Entosthodon laxus (Hook.f. & Wilson) Mitt.

Plants yellow- or bright green, gregarious. Stems pale to red-brown, to 15 mm, branching once by subperigonial innovation, or forking beneath soil surface and producing subperigonial innovations above, beset with cerise rhizoids. Leaves erect-spreading, lingulate, 1.5–3.0(–4.0) × 0.6–1.0 mm, plane to weakly concave, entire or weakly crenulate above, tapered in upper ⅓, broadly acute or obtuse; upper laminal cells oblong-hexagonal, c. 70–100(–130) × 24–30(–45) µm, longer and more oblong below but not thinner-walled; marginal cells not differentiated or rarely weakly differentiated above; apical cell 25–55 µm (rarely to 100 µm); alar cells not differentiated or slightly more pigmented than adjacent cells. Costa rather thin and weak, c. 30–40(–50) µm wide near base, failing c. 5–10 cells (rarely more) below leaf apex. Axillary hairs present.

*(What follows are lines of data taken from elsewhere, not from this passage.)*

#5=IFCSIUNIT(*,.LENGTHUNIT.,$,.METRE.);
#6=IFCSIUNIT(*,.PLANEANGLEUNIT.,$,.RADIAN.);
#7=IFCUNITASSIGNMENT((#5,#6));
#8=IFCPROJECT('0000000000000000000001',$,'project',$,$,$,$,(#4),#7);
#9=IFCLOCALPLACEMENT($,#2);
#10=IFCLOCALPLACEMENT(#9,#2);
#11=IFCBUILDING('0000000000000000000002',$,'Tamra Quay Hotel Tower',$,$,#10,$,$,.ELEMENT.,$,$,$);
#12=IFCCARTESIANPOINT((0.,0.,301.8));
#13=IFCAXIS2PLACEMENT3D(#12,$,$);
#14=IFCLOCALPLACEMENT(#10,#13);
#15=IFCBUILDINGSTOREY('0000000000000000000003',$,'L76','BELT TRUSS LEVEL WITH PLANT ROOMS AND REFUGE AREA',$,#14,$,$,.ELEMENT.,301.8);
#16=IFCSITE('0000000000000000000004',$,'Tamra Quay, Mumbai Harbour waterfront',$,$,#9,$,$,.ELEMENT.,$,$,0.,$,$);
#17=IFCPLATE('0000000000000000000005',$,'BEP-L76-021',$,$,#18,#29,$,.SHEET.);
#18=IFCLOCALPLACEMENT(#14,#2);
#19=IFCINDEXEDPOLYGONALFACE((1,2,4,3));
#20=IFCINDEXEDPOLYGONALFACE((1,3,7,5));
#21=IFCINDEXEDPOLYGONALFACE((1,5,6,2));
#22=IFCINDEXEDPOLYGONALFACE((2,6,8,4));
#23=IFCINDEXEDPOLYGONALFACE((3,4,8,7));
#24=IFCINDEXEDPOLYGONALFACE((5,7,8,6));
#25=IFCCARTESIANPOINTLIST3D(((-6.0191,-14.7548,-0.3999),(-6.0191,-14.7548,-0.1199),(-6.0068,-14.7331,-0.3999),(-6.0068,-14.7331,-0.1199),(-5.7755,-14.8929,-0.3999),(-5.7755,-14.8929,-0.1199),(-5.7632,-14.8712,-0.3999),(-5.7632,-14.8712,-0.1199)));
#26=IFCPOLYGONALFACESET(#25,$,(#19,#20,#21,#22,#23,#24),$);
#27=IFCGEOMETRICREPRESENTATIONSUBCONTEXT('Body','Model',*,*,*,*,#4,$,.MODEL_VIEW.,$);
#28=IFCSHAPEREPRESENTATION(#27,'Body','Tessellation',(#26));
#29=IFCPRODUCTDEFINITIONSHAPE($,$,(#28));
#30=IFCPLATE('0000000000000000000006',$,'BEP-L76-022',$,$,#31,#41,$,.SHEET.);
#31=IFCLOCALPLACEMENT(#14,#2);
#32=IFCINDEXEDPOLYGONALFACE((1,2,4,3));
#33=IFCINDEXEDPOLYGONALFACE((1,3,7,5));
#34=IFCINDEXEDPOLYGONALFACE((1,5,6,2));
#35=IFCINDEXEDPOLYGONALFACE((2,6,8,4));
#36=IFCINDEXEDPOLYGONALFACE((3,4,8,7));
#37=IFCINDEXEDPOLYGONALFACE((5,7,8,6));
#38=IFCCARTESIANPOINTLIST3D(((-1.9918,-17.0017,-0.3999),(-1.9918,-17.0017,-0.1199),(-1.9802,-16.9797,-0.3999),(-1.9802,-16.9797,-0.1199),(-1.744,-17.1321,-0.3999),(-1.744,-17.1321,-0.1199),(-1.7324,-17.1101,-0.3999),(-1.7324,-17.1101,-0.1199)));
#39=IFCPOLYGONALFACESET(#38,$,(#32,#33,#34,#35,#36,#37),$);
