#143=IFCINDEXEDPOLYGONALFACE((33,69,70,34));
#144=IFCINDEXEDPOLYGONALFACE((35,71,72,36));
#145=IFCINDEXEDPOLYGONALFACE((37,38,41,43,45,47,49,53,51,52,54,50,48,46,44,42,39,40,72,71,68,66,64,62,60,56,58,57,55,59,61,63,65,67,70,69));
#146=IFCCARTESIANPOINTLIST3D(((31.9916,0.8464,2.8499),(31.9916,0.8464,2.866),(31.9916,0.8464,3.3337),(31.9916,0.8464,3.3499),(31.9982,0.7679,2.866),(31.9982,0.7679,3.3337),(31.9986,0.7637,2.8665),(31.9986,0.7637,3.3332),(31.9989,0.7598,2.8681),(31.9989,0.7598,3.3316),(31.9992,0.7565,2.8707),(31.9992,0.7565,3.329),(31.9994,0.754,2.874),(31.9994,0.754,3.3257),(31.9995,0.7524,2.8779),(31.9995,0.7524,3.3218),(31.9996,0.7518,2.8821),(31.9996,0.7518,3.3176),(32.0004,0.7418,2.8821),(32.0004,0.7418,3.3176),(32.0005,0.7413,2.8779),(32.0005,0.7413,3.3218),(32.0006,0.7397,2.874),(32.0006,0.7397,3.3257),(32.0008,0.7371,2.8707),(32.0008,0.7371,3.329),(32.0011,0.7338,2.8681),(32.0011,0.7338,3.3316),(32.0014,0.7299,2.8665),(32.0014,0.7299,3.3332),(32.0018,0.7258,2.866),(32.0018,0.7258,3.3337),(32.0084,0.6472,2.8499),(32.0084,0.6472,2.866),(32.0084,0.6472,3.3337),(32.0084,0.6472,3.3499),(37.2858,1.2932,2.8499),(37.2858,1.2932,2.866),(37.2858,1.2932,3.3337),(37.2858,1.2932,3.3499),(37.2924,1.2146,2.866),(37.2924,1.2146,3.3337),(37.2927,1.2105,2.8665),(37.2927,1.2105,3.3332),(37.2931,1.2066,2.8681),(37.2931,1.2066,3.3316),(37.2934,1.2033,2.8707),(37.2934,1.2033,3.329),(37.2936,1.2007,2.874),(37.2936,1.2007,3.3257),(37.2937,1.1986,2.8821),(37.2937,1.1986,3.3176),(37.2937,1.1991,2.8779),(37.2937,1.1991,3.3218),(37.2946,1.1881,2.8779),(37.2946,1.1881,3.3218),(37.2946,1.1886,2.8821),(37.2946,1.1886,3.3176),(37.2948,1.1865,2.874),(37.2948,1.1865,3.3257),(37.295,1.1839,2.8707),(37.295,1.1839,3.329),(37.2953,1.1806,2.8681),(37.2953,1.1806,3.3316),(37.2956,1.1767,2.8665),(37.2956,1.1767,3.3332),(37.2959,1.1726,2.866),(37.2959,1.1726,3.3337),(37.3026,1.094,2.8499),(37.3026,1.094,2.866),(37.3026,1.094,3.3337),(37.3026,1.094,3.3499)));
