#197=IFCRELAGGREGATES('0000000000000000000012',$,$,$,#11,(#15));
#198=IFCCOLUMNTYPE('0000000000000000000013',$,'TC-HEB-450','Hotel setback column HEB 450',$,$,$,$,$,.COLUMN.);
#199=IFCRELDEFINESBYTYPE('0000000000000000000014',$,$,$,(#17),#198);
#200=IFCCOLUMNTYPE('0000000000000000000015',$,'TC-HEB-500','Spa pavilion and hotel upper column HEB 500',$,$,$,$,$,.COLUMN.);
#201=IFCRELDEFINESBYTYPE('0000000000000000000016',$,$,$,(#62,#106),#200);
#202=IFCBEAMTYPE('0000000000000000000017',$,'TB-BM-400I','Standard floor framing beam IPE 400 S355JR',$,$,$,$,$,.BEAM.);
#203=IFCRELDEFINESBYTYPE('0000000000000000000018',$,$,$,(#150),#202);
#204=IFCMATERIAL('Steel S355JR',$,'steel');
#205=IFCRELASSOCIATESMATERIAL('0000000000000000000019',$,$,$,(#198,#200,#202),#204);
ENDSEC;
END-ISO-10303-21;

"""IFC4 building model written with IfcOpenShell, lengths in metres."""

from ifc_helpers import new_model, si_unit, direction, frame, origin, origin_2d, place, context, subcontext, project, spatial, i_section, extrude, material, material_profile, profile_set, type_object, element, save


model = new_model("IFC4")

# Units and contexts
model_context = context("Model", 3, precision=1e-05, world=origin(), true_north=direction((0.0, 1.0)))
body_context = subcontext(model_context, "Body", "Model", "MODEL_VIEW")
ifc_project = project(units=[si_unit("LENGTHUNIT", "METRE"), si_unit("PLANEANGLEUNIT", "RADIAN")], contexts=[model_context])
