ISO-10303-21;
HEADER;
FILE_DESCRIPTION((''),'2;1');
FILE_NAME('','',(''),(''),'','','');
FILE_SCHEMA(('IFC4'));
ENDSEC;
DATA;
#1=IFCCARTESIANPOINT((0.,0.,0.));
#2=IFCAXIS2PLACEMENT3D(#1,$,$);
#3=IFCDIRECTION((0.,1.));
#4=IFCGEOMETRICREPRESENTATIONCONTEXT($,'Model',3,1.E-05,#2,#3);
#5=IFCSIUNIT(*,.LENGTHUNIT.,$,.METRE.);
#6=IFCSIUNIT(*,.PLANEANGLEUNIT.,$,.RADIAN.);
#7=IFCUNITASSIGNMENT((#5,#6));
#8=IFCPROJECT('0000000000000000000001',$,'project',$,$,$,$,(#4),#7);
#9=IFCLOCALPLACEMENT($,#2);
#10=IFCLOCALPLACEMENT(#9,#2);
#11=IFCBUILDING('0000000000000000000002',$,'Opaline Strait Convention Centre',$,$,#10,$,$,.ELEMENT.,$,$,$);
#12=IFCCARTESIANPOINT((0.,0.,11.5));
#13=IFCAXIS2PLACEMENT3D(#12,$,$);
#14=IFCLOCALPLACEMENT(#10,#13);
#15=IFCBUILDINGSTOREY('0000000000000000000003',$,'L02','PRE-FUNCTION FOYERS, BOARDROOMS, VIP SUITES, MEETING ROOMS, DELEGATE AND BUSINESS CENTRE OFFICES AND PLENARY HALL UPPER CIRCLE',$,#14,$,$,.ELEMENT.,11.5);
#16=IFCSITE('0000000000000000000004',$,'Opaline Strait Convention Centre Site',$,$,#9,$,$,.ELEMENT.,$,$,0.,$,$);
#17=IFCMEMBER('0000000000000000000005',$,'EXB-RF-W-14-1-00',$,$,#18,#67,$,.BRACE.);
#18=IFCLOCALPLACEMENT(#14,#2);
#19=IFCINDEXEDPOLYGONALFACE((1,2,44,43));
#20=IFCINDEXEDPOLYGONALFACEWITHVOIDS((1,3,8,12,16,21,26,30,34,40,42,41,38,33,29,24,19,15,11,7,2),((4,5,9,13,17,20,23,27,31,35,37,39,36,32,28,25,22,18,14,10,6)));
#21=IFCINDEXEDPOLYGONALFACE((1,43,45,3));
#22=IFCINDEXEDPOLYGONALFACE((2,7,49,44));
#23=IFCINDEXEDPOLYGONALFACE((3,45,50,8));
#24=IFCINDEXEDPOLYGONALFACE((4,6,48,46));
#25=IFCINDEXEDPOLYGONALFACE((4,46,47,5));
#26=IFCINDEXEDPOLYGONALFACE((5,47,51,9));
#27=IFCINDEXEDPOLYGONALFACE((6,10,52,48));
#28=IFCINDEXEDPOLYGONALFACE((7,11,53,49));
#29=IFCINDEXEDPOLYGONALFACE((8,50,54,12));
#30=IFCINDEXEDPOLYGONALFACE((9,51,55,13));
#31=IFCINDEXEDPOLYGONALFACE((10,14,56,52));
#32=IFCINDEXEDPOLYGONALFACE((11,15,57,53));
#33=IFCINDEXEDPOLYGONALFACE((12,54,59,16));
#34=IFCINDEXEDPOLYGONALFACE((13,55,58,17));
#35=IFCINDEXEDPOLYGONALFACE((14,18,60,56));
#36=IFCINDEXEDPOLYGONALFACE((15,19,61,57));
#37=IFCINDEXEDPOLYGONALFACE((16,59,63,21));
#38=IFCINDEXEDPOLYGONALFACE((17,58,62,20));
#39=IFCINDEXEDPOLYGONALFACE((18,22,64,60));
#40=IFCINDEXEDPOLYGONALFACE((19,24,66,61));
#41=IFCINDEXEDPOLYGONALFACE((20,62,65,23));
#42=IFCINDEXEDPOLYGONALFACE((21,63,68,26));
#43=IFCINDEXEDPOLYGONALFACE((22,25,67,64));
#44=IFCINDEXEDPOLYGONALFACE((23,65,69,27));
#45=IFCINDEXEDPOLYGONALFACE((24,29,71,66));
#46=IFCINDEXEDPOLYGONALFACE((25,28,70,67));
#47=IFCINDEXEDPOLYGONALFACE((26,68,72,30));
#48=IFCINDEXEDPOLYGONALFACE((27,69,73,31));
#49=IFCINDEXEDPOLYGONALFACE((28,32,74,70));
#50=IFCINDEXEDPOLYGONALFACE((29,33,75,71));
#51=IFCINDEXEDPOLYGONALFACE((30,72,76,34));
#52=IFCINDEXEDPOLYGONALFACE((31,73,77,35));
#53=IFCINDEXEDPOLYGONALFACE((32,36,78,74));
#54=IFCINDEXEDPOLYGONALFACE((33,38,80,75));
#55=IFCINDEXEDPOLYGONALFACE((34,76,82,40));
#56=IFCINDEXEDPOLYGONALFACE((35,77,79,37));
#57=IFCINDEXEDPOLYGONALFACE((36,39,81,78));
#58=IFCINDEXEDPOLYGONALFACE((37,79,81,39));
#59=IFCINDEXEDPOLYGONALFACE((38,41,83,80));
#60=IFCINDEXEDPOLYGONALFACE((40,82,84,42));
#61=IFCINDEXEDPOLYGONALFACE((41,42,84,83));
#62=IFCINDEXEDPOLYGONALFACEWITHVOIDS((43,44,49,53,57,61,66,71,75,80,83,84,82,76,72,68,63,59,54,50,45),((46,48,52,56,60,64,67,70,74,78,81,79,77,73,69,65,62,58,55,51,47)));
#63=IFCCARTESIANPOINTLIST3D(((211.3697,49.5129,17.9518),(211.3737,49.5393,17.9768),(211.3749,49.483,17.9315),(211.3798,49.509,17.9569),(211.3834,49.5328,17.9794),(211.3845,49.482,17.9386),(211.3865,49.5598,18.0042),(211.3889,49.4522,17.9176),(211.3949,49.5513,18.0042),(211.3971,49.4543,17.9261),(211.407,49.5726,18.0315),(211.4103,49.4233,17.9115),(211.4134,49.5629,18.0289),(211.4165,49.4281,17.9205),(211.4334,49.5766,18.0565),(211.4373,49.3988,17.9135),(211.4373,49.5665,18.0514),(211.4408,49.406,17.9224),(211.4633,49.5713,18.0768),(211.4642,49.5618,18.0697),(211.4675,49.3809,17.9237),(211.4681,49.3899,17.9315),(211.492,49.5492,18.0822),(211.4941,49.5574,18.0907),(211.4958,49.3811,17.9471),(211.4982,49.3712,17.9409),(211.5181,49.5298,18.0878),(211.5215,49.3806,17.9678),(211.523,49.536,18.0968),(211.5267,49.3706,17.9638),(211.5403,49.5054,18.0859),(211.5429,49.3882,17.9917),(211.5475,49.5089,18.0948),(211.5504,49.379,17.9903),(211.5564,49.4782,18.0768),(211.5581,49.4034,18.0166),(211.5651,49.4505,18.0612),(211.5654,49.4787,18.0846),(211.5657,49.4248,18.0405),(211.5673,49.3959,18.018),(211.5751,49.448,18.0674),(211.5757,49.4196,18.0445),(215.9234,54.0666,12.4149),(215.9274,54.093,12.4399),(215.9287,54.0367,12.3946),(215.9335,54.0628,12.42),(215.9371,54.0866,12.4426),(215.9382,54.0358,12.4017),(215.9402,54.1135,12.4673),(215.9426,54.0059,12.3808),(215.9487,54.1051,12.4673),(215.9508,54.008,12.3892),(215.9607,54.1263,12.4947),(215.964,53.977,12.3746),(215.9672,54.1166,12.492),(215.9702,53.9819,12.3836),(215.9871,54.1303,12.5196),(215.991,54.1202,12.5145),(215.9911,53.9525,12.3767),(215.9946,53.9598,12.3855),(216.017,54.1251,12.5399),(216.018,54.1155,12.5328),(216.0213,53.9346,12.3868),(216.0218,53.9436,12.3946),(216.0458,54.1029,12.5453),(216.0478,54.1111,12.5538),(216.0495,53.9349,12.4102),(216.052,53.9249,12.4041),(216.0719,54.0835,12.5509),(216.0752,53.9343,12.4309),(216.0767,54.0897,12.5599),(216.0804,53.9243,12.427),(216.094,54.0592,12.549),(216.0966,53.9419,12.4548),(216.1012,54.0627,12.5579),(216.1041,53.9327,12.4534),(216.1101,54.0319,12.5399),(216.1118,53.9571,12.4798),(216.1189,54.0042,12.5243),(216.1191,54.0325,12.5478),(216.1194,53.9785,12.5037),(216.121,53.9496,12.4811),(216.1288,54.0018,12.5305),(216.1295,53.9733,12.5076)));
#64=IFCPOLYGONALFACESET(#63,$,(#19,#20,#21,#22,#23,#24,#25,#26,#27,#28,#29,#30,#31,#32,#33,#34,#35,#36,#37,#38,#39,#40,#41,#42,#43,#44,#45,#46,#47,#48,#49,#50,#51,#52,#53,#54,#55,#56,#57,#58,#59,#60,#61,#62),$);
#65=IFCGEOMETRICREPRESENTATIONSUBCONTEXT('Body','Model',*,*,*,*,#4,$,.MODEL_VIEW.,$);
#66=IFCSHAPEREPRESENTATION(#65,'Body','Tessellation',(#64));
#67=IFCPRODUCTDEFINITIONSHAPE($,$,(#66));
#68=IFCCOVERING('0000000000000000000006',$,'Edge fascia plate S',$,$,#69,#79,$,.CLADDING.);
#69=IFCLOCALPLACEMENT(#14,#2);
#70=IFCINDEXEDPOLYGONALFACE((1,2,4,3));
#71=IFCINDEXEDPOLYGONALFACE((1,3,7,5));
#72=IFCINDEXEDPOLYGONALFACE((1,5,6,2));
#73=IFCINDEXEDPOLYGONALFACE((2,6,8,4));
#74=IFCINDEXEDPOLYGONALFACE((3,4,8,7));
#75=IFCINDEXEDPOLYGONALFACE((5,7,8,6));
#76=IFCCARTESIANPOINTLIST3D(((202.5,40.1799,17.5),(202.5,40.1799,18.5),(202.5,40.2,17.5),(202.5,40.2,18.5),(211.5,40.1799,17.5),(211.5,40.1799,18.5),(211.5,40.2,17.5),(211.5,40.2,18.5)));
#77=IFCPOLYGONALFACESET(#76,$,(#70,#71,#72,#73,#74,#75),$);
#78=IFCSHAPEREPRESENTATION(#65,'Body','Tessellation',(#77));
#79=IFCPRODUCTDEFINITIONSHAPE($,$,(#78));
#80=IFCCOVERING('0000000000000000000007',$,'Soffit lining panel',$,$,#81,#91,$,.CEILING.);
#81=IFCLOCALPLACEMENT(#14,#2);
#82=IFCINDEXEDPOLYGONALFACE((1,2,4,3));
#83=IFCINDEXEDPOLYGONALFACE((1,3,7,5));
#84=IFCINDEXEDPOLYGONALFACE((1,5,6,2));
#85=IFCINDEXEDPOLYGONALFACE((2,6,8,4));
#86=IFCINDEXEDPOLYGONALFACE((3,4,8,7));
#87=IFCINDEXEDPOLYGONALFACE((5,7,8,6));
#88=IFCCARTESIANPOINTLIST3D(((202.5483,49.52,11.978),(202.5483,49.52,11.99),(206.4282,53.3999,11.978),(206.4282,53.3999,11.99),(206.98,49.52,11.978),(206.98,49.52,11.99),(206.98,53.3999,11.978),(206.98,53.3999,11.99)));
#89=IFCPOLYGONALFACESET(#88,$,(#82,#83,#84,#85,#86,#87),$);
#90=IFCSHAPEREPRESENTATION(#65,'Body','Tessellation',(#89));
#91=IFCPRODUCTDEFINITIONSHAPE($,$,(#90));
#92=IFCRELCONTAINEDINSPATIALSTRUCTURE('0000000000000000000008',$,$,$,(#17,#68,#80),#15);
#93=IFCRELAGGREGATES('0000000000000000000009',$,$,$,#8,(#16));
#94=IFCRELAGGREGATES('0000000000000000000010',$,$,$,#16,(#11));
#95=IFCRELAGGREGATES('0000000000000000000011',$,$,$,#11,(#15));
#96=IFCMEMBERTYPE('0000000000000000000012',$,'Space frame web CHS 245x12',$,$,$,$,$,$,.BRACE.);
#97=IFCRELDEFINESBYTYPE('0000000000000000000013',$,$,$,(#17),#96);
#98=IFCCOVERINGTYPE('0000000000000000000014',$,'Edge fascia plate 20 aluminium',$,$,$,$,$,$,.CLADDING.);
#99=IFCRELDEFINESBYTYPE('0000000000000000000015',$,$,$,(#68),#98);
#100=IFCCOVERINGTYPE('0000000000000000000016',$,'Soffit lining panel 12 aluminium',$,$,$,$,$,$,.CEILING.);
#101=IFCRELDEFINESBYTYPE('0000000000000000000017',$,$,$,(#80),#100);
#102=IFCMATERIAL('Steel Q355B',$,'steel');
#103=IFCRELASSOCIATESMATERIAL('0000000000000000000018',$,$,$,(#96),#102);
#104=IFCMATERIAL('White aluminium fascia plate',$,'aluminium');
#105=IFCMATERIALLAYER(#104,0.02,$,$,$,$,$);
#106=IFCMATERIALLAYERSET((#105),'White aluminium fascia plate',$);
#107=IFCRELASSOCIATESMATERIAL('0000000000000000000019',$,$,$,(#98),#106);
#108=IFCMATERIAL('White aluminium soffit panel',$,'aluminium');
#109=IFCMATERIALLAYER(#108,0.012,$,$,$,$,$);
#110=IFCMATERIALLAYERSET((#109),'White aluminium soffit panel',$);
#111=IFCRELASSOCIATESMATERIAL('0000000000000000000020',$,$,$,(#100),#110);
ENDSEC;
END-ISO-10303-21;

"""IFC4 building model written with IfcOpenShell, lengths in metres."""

from ifc_helpers import new_model, si_unit, direction, frame, origin, origin_2d, place, context, subcontext, project, spatial, polyline, hollow_circle, outline, extrude, material, layer, layer_set, material_profile, profile_set, type_object, element, save


model = new_model("IFC4")

# Units and contexts
model_context = context("Model", 3, precision=1e-05, world=origin(), true_north=direction((0.0, 1.0)))
body_context = subcontext(model_context, "Body", "Model", "MODEL_VIEW")
ifc_project = project(units=[si_unit("LENGTHUNIT", "METRE"), si_unit("PLANEANGLEUNIT", "RADIAN")], contexts=[model_context])

# Site, building, storey
site_placement = place(None, origin())
site = spatial("IfcSite", under=ifc_project, at=site_placement, Name="Opaline Strait Convention Centre Site", CompositionType="ELEMENT", RefElevation=0.0)
building_placement = place(site_placement, origin())
building = spatial("IfcBuilding", under=site, at=building_placement, Name="Opaline Strait Convention Centre", CompositionType="ELEMENT")
storey_placement = place(building_placement, frame((0.0, 0.0, 11.5)))
storey = spatial("IfcBuildingStorey", under=building, at=storey_placement, Name="L02", Description="PRE-FUNCTION FOYERS, BOARDROOMS, VIP SUITES, MEETING ROOMS, DELEGATE AND BUSINESS CENTRE OFFICES AND PLENARY HALL UPPER CIRCLE", CompositionType="ELEMENT", Elevation=11.5)

# Member
ifc_material_1 = material(Name="Steel Q355B", Category="steel")
ifc_material_profile_1 = material_profile(ifc_material_1, hollow_circle(Radius=0.1226, WallThickness=0.012, at=origin_2d()), Name="CHS 245x12")
ifc_profile_set_1 = profile_set([ifc_material_profile_1], Name="Steel Q355B")
member_type_1 = type_object("IfcMemberType", Name="Space frame web CHS 245x12", PredefinedType="BRACE", material=ifc_profile_set_1)
member_1_placement = place(storey_placement, frame((211.4731, 49.4731, 18.0042), z_axis=(0.536178, 0.536178, -0.65194), x_axis=(-0.707107, 0.707107, 0.0)))
element("IfcMember", 1, at=member_1_placement, inside=storey, type_object=member_type_1, Name="EXB-RF-W-14-1-00", PredefinedType="BRACE", context=body_context, shape_type="SweptSolid", body=[
    extrude(hollow_circle(Radius=0.1226, WallThickness=0.012, at=origin_2d()), origin(), (0.0, 0.0, 1.0), 8.4929),
])

# Coverings
ifc_material_2 = material(Name="White aluminium fascia plate", Category="aluminium")
ifc_layer_1 = layer(ifc_material_2, 0.02)
ifc_layer_set_1 = layer_set([ifc_layer_1], Name="White aluminium fascia plate")
covering_type_1 = type_object("IfcCoveringType", Name="Edge fascia plate 20 aluminium", PredefinedType="CLADDING", material=ifc_layer_set_1)
covering_1_placement = place(storey_placement, frame((207.0, 40.2, 18.0), z_axis=(0.0, -1.0, 0.0), x_axis=(1.0, 0.0, 0.0)))
element("IfcCovering", 2, at=covering_1_placement, inside=storey, type_object=covering_type_1, Name="Edge fascia plate S", PredefinedType="CLADDING", context=body_context, shape_type="SweptSolid", body=[
    extrude(outline(polyline([(-4.5, 0.5), (4.5, 0.5), (4.5, -0.5), (-4.5, -0.5), (-4.5, 0.5)])), origin(), (0.0, 0.0, 1.0), 0.02),
])
ifc_material_3 = material(Name="White aluminium soffit panel", Category="aluminium")
ifc_layer_2 = layer(ifc_material_3, 0.012)
ifc_layer_set_2 = layer_set([ifc_layer_2], Name="White aluminium soffit panel")
covering_type_2 = type_object("IfcCoveringType", Name="Soffit lining panel 12 aluminium", PredefinedType="CEILING", material=ifc_layer_set_2)
covering_2_placement = place(storey_placement, frame((202.5483, 49.52, 11.99), z_axis=(0.0, 0.0, 1.0), x_axis=(0.707107, 0.707107, 0.0)))
element("IfcCovering", 3, at=covering_2_placement, inside=storey, type_object=covering_type_2, Name="Soffit lining panel", PredefinedType="CEILING", context=body_context, shape_type="SweptSolid", body=[
    extrude(outline(polyline([(0.0, 0.0), (5.487, 0.0), (5.8771, -0.3902), (3.1336, -3.1336), (0.0, 0.0)])), origin(), (0.0, 0.0, -1.0), 0.012),
])

save(model, "model.ifc")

Autoicous. Perigonia and perichaetia as per genus. Setae (5–)10–20(–23) mm, dextrorse above, pale brown, weakly hygroscopic; capsules erect, symmetric, oblong-obovoid or oblong-pyriform, scarcely constricted below mouth when dry, 1.5–2.5(–3.0) mm, with a well-differentiated neck ⅓ to ½ the capsule length, red-brown at maturity; mouth c. ¾ the capsule diameter, transverse; exothecial cells with distinct lumina, c. 2–3:1, averaging 30–40 µm, in cross-section with anticlinal walls not or very weakly cuneate, c. 6–8 rows isodiametric to oblate and darker at capsule mouth; operculum mammillate or strongly convex. Peristome double; exostome teeth straight, cerise, often fugacious, to 300 × 50–75 µm but often shorter and irregular, acute or rounded, baculate-papillose, not or weakly striate, weakly nodulose (lacking marginal appendiculae), inner surface scarcely trabeculate; endostome rudimentary and fugacious, with segments irregular and hyaline, to 120 µm, gemmate to lowly insulate. Calyptra mitrate or splitting on one side to become cucullate, rostrate. Spores 25–35 µm, gemmate to lowly insulate.

Fife 1987a, figs 1–21; Fife 1987b, figs 91–116; Malcolm & Malcolm 2003, p. 26.

On waterlogged to sometimes mesic and usually shaded humic soil (usually with sand or gravel fragments). Often at the margins of small subalpine or alpine streams; also on wet outcrops or in seepages. Occurring in areas with various bedrock types, including greywacke, schist, granite, limestone, and ultra-mafics. It is frequently shaded by overhanging snow tussocks. From c. 900 (Tongariro National Park, Wellington L.D.) to c. 1900 m (Makatote River headwaters, Mt Ruapehu, Wellington L.D.) on the North I. and from c. 730 (Broken River Basin, Canterbury L.D.) to at least 1650 m (Mt Arthur, Nelson L.D.) on the South I. On Auckland I. it grows to near sea level. Frequently associated flowering plants include Nertera depressa, Pratia angulata, and Drosera spp. (especially D. arcturi), while associated bryophytes can include Breutelia pendula, Blindia robusta, aquatic growth forms of Distichophyllum pulchellum, Isotachis montana, Jamesoniella tasmanica, and members of the Aneuraceae.

The broadly acute or obtuse, lingulate leaves, the ± mammillate opercula, and oblong-obovoid capsules, and the bright cerise (cherry-coloured) rhizoids and exostome teeth facilitate recognition of this species, as does its predominantly subalpine to alpine distribution. Microscopically, the short exothecial cells with distinct lumina and non-cuneate anticlinal cell walls are very distinctive.

The only other regional Entosthodon with which E. laxus could be confused is E. subnudus var. gracilis, which is a much smaller lowland plant with plano-convex opercula. A review of the ecology, world distribution, and extensive synonymy of E. laxus was provided by Fife (1987a).